では、世界のそれぞれの経済レベルの人たちはどんな生活をしているのでしょうか。それを視覚的にわかりやすく示してくれるのが今回紹介する「 Dollar Street 」というサイトです。
サイトのページには通り(ストリート)が描かれています。この通りの右側には収入(ドル基準です)が低い人が、左のほうには収入の高い人が住んでいると考えてください。このサイトでは日常生活のなかのいろいろな写真が収入順で4枚表示され、その収入のストリート内での位置がハイライトされます。写真には住まいの様子、家族のポートレート、家庭で使う道具など、本当にいろいろなものが写っています。その写真を見比べながら豊かな人、貧しい人、そして中くらいに人の生活を想像してみよう、というのがこのサイトの趣旨なのです。

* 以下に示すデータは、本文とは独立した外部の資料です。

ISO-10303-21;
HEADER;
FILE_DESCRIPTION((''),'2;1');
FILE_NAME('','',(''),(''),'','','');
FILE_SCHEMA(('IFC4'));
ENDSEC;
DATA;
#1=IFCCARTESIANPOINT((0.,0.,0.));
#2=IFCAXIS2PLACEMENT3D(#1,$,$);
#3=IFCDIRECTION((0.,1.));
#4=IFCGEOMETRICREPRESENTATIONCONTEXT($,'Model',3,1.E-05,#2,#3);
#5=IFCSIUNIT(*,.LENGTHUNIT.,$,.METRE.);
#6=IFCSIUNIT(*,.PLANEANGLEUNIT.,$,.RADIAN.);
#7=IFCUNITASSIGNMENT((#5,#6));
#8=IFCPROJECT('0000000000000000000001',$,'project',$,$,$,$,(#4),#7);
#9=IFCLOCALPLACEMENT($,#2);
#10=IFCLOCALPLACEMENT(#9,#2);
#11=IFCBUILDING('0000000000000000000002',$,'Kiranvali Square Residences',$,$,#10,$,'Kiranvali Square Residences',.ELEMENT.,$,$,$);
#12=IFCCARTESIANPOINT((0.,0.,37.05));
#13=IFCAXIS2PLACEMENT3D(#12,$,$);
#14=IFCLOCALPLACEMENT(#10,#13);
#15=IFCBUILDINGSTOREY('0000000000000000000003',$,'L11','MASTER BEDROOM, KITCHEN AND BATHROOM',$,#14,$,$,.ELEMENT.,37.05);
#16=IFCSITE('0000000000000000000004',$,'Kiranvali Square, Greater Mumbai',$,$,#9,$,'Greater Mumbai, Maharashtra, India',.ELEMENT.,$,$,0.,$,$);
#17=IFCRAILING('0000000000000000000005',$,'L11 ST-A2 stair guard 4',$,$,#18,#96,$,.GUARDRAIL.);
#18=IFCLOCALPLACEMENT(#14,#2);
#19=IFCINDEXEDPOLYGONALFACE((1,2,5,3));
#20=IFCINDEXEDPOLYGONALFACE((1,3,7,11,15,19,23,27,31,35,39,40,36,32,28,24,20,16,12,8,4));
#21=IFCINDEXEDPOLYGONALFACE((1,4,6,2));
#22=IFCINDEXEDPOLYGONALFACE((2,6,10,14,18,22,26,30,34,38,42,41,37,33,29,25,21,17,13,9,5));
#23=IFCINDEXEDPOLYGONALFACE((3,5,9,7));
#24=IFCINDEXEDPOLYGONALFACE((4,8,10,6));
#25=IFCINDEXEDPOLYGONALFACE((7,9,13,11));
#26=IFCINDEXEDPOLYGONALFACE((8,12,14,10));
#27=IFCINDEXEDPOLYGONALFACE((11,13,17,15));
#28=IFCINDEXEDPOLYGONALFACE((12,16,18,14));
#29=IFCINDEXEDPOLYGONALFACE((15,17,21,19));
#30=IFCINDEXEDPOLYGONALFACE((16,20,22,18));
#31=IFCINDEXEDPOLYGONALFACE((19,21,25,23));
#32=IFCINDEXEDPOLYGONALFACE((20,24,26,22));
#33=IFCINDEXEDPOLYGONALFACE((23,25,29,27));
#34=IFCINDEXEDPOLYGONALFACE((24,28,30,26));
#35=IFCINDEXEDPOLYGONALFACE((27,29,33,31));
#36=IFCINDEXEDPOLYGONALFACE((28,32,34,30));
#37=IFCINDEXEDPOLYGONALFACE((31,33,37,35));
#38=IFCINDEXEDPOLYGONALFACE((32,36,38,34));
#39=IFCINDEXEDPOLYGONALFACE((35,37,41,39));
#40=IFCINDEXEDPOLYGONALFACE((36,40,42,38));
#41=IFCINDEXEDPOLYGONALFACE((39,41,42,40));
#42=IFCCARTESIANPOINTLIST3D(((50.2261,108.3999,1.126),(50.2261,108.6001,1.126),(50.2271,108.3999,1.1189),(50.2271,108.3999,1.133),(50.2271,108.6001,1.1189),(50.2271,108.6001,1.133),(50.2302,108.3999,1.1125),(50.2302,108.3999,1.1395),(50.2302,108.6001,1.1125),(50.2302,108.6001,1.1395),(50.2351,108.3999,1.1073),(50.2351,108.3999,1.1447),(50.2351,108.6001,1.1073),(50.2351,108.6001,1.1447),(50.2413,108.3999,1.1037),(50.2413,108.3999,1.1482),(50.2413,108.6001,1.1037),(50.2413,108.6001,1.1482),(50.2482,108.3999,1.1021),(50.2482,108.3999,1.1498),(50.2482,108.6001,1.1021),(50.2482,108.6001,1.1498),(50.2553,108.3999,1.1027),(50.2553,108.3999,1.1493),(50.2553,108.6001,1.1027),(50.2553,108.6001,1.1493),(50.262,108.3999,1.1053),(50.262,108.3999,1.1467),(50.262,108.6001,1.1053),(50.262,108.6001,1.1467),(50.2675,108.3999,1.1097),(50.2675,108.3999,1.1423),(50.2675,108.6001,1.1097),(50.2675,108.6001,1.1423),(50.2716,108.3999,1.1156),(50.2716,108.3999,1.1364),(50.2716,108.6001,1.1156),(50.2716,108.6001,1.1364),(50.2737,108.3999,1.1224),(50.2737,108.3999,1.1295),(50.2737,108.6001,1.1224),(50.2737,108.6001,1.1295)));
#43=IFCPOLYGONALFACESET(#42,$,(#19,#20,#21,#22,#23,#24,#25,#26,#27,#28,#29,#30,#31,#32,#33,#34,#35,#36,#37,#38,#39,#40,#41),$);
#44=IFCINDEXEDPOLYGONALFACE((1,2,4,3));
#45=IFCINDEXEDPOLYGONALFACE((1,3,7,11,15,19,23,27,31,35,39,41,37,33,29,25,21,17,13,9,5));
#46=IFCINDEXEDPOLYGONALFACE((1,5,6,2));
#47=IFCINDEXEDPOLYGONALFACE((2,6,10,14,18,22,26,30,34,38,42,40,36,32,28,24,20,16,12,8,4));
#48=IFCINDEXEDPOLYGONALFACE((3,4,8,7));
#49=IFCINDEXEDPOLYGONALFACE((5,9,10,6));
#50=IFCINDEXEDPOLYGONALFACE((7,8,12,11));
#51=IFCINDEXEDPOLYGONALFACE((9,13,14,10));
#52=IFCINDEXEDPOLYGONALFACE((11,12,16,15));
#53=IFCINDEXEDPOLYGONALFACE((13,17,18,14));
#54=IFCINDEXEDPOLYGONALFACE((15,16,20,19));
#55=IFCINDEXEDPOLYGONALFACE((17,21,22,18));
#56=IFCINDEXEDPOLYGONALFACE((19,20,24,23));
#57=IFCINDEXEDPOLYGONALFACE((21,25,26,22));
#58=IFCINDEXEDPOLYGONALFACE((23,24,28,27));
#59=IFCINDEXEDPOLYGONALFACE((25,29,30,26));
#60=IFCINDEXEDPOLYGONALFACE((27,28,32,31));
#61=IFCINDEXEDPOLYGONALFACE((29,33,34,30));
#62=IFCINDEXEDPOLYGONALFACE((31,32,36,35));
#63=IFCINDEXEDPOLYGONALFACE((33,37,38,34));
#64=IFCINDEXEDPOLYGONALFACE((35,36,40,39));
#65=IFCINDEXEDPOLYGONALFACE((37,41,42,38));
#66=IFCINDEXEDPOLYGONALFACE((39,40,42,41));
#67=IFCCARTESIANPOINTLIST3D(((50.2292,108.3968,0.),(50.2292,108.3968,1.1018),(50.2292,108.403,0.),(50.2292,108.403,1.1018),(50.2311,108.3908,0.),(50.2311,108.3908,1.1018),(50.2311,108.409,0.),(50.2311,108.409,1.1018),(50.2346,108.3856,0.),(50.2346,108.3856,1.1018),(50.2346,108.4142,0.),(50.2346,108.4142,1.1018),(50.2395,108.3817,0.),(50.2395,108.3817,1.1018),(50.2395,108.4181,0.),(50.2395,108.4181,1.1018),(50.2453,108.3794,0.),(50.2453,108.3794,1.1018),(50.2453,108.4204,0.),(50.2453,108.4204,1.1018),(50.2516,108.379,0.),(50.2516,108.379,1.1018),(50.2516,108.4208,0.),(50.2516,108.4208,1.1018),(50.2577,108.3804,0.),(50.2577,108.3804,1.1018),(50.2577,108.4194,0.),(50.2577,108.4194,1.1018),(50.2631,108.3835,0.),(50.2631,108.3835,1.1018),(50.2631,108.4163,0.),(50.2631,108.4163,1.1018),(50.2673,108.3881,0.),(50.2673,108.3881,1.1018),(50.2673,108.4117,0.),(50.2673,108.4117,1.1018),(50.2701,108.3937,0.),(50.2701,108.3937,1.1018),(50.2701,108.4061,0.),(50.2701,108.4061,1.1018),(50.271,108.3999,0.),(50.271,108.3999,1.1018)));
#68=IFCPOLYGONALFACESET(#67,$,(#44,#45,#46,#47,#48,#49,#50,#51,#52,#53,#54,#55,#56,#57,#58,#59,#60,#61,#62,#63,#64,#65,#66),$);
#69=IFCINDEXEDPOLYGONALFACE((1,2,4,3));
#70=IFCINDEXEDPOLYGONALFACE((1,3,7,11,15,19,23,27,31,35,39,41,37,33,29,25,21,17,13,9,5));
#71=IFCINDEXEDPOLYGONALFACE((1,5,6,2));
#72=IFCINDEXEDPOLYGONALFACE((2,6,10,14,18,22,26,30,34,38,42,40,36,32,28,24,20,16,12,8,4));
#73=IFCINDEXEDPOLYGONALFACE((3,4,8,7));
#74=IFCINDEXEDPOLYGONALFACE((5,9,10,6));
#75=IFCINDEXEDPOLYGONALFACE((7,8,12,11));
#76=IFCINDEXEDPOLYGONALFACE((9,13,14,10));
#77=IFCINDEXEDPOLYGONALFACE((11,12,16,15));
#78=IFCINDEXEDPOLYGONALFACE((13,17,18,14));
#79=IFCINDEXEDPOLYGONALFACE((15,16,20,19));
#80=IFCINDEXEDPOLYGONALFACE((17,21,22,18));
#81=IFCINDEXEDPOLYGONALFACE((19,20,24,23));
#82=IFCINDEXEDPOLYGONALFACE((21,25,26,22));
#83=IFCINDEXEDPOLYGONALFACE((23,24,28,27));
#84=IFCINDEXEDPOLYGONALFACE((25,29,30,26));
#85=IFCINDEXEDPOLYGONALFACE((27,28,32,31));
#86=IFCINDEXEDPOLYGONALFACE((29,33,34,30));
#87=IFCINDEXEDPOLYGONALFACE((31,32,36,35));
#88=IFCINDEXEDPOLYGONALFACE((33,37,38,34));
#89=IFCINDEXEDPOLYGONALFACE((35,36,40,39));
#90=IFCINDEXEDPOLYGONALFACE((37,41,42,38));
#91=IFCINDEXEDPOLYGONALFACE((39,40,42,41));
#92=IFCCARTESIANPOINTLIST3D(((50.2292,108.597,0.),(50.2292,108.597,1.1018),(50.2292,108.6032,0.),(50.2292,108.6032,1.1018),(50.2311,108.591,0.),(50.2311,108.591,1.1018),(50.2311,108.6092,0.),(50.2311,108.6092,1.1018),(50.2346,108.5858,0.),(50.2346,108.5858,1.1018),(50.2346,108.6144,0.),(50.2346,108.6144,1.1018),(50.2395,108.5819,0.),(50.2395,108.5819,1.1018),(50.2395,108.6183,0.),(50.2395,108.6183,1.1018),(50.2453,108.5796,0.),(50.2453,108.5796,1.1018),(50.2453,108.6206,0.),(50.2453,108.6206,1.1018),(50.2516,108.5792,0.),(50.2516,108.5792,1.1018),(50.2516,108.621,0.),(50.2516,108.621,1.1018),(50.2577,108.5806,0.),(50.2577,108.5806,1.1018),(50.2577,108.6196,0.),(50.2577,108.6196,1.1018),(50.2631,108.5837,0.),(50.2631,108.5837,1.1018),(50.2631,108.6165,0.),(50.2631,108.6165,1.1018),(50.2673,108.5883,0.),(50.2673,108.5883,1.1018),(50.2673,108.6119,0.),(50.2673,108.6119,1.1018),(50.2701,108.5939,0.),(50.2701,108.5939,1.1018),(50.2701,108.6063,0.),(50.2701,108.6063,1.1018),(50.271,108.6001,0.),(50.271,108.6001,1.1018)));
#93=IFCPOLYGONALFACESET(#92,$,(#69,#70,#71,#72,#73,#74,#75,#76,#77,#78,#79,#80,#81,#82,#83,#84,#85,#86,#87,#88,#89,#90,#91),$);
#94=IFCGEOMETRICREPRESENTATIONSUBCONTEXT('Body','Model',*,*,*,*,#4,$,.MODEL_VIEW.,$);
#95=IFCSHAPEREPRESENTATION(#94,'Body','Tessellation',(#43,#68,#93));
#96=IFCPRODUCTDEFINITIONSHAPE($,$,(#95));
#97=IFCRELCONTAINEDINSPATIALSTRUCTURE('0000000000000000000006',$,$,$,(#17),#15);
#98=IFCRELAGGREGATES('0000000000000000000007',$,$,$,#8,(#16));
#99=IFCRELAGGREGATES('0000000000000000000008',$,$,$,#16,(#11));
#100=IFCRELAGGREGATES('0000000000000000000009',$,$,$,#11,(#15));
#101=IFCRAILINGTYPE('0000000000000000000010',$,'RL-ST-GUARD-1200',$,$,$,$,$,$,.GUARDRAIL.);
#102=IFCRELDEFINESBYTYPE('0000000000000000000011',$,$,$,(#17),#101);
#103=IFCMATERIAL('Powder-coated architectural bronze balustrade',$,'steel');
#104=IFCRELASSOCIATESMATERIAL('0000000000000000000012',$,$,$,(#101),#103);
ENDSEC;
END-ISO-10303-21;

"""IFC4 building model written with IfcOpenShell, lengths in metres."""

from ifc_helpers import new_model, si_unit, direction, frame, origin, origin_2d, place, context, subcontext, project, spatial, circle, extrude, material, type_object, element, save


model = new_model("IFC4")

# Units and contexts
model_context = context("Model", 3, precision=1e-05, world=origin(), true_north=direction((0.0, 1.0)))
body_context = subcontext(model_context, "Body", "Model", "MODEL_VIEW")
ifc_project = project(units=[si_unit("LENGTHUNIT", "METRE"), si_unit("PLANEANGLEUNIT", "RADIAN")], contexts=[model_context])

# Site, building, storey
site_placement = place(None, origin())
site = spatial("IfcSite", under=ifc_project, at=site_placement, Name="Kiranvali Square, Greater Mumbai", LongName="Greater Mumbai, Maharashtra, India", CompositionType="ELEMENT", RefElevation=0.0)
building_placement = place(site_placement, origin())
building = spatial("IfcBuilding", under=site, at=building_placement, Name="Kiranvali Square Residences", LongName="Kiranvali Square Residences", CompositionType="ELEMENT")
storey_placement = place(building_placement, frame((0.0, 0.0, 37.05)))
storey = spatial("IfcBuildingStorey", under=building, at=storey_placement, Name="L11", Description="MASTER BEDROOM, KITCHEN AND BATHROOM", CompositionType="ELEMENT", Elevation=37.05)

# Railing
ifc_material_1 = material(Name="Powder-coated architectural bronze balustrade", Category="steel")
railing_type_1 = type_object("IfcRailingType", Name="RL-ST-GUARD-1200", PredefinedType="GUARDRAIL", material=ifc_material_1)
railing_1_placement = place(storey_placement, frame((50.25, 108.3999, 0.0)))
element("IfcRailing", 1, at=railing_1_placement, inside=storey, type_object=railing_type_1, Name="L11 ST-A2 stair guard 4", PredefinedType="GUARDRAIL", context=body_context, shape_type="SweptSolid", body=[
    extrude(circle(Radius=0.0239, at=origin_2d()), frame((0.0, 0.0, 1.126), z_axis=(0.0, 1.0, 0.0), x_axis=(-1.0, 0.0, 0.0)), (0.0, 0.0, 1.0), 0.2002),
    extrude(circle(Radius=0.021, at=origin_2d()), origin(), (0.0, 0.0, 1.0), 1.1018),
    extrude(circle(Radius=0.021, at=origin_2d()), frame((0.0, 0.2002, 0.0)), (0.0, 0.0, 1.0), 1.1018),
])

save(model, "model.ifc")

実はこの「 Dollar Street 」、ハンス・ロスリング博士の息子であるオーラ氏とその妻のアンナ氏が協力して設立した「Gap Minder」という団体が運営しています。(URLに"gapminder.org"と入っていますね。) 主にアンナ氏た担当しているそうです。ただ、「ファクトフルネス」で述べられた分類とは収入の表示が若干異なっていて「 Dollar Street 」では一家の一か月あたりの収入(正確には支出)を、大人一人当たりの値に調整したものが基準となっています。
このサイトを訪れてみれば、いろいろ考えるところがあるでしょう。右上のメニューから日本語表示も選ぶことができます。例えば上の図で引用した「歯ブラシ」の比較をみると、どこの国の歯ブラシもよく似ている、というかほとんど同じです。世界のどこでも、ほとんどの人は歯ブラシで歯を磨くのだ、そう考えると世界は思った以上に一体化していると思えてきます。その一方で住宅では所得格差がはっきりとみられますが、それでも同じ収入レベルでみれば世界各国の住宅にも何か共通の雰囲気が感じられます。
皆さんもぜひこのサイトを訪れてみてください。ただ、少々残念なのはこのサイトでは日本の写真が見当たらない点ですね。